Try 'modprobe efivars' as root.


Over to you.


That's a new one to me -- you've got /sys/firmware/efi, but efibootmgr is failing. I have several ideas, but they're all rather vague and none of them seems particularly likely:

  • A permissions problem within /sys/firmware/efi -- Since this is a virtual filesystem, such a problem implies either an error in sysfs or a user-space program or script that's going in and changing things. Neither seems all that likely.
  • A missing kernel module outside of efivars -- This would necessarily be a fairly obscure but common kernel component that's somehow been omitted from your kernel, which seems unlikely.
  • A bug might be causing /sys/firmware/efi from appearing even though you're booted in BIOS mode -- I've never heard of this happening, but given the evidence, I can't completely rule out the possibility.
  • A bug in your firmware that's preventing efivars from doing what it's supposed to do -- Offhand, this seems the most likely explanation, but it's also a vague one, and I offer it mainly because nothing else seems to make much sense. You could try upgrading your firmware, if your manufacturer offers an update.
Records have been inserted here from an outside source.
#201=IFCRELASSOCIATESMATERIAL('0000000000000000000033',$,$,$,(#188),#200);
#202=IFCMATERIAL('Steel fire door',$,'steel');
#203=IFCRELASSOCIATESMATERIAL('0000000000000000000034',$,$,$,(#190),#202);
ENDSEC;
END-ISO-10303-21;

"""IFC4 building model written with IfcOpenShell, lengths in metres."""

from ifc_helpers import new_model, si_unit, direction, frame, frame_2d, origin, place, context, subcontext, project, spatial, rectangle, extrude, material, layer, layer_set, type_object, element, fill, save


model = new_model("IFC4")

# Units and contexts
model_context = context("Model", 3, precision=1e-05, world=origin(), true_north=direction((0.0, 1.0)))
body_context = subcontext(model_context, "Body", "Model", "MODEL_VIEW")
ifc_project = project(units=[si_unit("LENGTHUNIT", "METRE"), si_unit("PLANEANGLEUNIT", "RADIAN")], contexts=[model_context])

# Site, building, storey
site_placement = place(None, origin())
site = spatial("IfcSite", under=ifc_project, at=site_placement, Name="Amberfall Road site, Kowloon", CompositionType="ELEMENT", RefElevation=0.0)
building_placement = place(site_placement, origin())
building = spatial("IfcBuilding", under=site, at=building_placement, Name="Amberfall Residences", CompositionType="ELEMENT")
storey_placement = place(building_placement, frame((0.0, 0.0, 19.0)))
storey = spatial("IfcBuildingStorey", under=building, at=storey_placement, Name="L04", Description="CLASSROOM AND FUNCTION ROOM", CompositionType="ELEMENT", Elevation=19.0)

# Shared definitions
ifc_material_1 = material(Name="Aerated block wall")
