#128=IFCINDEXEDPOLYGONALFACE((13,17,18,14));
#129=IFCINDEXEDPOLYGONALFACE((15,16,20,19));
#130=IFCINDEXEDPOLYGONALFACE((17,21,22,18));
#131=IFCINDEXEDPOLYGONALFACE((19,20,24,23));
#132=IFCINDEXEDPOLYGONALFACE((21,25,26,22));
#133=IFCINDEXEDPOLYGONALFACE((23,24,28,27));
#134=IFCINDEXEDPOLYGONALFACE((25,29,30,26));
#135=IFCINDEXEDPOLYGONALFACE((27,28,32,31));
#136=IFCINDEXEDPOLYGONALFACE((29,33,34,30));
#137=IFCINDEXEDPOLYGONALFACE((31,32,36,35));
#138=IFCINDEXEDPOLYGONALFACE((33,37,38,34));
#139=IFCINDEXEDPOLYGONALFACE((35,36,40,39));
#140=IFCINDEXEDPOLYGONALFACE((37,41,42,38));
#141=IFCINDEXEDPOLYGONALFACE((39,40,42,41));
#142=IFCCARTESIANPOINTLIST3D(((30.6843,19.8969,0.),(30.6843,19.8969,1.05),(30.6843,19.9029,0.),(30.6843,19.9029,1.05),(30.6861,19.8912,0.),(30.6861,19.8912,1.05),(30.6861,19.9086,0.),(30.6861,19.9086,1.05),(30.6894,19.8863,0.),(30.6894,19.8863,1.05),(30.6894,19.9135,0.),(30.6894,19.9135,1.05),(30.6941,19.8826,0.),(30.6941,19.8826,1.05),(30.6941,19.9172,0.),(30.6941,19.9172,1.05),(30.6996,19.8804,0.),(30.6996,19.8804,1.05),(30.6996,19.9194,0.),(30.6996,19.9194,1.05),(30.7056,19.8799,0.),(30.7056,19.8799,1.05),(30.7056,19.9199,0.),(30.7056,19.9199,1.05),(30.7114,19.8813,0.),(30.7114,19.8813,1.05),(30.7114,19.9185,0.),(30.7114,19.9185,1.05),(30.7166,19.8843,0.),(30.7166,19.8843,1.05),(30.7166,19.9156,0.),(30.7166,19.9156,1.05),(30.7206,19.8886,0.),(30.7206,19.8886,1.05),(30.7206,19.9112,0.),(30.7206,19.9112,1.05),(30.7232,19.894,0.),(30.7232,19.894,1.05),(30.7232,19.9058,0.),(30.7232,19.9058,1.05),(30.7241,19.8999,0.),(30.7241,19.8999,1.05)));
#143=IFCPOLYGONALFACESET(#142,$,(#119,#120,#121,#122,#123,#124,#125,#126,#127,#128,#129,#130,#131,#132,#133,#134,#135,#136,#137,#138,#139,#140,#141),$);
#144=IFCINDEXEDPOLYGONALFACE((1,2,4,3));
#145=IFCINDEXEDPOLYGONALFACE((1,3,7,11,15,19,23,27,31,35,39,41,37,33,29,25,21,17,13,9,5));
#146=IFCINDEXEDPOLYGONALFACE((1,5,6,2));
If you can get an emergency system to boot in EFI mode (I know you've had problems with this in the past -- you say most of your CD-based boots lack a /sys/firmware/efi directory), you could try efibootmgr from there, which would help narrow down the possible causes. If another kernel and another significantly different distribution (say, Fedora 18) produces a working efibootmgr program, then you can rule out a firmware bug; but if such a distribution produces the same effect, configuration issues seem less likely to be a cause.